# Am I crazy?



## WillyA (Nov 24, 2014)

Here's the story:

I'm 29, my husband is 54. We've been married just over a year, been together for 5. When we met, I was in a long-term relationship and he was married. We eventually both left our relationships for each other because they were both bad and abusive. My family was completely against it and it took years and lots of intervening from my grandparents, but we were eventually married and accepted into the family. Also, we were working together and I had to quit my job because there was an issue with dating in the workplace. 

We had it made. We agreed about everything. We had the same hobbies. We had equal goals in life. Everything seemed perfect. 

Then I found out that while he at work, he met some girl (she doesn't work with him) while he was out during lunch. She was really pretty and she gave him her number. He took it and then texted her the next day, wanting to make sure she was staying warm. 

I found the text (she never texted back).

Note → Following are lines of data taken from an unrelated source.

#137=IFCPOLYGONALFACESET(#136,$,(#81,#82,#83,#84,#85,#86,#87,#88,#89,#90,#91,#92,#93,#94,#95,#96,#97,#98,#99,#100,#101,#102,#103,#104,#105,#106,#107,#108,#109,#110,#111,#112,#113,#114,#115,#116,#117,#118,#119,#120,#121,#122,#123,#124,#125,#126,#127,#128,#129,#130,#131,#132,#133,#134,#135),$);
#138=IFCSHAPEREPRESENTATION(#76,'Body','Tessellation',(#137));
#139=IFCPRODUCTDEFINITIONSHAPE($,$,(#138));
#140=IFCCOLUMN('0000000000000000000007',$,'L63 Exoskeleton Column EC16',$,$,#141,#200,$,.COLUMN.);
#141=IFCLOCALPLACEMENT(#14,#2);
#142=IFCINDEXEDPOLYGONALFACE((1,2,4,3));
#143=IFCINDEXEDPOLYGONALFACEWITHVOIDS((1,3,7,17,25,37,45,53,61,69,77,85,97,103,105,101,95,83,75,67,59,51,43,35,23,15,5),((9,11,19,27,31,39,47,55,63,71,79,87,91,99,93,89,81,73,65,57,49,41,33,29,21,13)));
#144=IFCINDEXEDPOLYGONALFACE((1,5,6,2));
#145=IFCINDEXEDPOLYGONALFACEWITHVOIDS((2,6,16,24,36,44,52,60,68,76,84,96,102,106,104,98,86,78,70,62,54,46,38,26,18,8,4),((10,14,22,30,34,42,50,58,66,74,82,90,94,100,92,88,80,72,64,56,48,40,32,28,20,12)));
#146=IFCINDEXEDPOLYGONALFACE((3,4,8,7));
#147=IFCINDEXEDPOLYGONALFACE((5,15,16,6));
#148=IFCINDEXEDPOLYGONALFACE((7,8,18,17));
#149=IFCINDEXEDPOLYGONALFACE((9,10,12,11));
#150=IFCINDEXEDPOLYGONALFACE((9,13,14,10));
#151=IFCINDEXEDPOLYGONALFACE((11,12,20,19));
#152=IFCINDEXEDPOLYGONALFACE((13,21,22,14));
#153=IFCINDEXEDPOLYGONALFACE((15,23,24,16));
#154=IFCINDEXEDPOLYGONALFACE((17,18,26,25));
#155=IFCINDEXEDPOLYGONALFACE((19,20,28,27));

And all he could say was, "it doesn't matter because I got played." He said he was intrigued for a moment and had a moment of weakness, yes he thought she was sexy and he thought he might have a chance, he was just putting it out there. But nothing happened, so I have no reason to be upset. 

I find this just as bad as actually having sex with her. He thinks we can get past thing, but I don't think I can never trust him again. He left his first wife for me, what is he's just looking to leave me for someone better too? 

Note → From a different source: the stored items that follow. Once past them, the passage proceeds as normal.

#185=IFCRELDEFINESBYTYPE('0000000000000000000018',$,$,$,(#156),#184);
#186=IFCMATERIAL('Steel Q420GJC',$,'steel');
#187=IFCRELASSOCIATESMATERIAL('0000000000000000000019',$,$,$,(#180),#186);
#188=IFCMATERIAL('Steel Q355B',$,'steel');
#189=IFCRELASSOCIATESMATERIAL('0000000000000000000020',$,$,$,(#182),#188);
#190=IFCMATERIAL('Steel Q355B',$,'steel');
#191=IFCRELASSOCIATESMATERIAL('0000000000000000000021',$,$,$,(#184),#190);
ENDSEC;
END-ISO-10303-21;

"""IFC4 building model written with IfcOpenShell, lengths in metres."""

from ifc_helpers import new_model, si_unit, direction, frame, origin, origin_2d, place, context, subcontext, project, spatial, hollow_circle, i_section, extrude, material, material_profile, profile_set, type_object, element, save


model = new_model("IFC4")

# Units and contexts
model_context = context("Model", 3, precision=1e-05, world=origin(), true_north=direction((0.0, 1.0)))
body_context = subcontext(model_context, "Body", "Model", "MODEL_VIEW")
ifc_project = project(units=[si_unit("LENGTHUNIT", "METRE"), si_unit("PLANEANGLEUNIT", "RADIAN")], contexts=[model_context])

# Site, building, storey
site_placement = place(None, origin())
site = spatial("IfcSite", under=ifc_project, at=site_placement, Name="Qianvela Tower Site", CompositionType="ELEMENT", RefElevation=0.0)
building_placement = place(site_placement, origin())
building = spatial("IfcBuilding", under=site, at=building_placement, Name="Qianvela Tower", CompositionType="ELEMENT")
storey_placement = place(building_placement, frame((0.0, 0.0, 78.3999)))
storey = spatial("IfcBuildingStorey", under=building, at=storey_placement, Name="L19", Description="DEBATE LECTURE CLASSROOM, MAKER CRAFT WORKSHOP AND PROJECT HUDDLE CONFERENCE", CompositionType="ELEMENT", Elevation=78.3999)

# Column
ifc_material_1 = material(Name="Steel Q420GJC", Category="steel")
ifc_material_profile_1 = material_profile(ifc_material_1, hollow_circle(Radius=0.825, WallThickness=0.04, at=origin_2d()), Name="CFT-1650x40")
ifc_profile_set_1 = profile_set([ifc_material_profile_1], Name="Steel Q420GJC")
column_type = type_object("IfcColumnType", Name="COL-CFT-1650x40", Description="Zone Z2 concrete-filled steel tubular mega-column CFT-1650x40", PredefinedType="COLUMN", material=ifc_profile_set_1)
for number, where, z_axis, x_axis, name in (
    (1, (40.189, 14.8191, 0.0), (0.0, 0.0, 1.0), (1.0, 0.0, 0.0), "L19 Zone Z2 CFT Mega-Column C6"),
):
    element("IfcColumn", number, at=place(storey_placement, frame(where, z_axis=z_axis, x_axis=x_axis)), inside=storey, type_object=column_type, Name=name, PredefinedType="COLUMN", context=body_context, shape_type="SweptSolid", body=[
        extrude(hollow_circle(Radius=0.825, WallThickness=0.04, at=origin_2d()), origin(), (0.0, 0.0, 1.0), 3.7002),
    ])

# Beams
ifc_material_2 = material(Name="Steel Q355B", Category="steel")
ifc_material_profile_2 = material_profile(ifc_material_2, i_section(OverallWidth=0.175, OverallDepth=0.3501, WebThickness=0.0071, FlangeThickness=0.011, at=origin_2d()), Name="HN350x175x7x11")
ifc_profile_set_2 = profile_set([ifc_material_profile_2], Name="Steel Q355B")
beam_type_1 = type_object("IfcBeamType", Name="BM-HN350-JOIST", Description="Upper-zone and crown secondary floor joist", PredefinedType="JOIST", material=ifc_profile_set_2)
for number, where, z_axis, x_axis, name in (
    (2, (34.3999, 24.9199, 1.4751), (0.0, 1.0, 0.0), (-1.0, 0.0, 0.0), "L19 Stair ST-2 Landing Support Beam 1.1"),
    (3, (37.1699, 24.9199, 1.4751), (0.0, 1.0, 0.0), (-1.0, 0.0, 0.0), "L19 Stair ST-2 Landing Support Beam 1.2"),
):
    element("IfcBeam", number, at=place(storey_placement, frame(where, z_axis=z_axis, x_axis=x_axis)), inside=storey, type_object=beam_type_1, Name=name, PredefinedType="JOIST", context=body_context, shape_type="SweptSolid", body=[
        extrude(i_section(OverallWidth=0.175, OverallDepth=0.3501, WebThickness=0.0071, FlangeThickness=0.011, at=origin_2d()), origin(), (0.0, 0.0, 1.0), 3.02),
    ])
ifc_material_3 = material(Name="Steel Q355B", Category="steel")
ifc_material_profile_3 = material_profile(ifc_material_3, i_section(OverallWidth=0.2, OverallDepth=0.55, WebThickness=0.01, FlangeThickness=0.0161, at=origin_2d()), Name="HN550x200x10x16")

I kicked him out. I told him I wanted a divorce, but the truth is that I miss him every second of the day (I did before! When he was at work, I would just miss him so much!), but I'm not sure that if the next woman shows interest in him, is he going to try to make it happen with her too? 

I had fought so hard for our relationship and I feel ashamed to have to tell my family. But I also gave up my career for him and I got one year of marriage before he tried to cheat. 

What should I do?


----------



## Jellybeans (Mar 8, 2011)

What do you want to do? Figure that out and go from there.

Many here will post about the irony of you both cheating on your spouses to get married and now this happening. He seems to be a repeat offender with cheating. 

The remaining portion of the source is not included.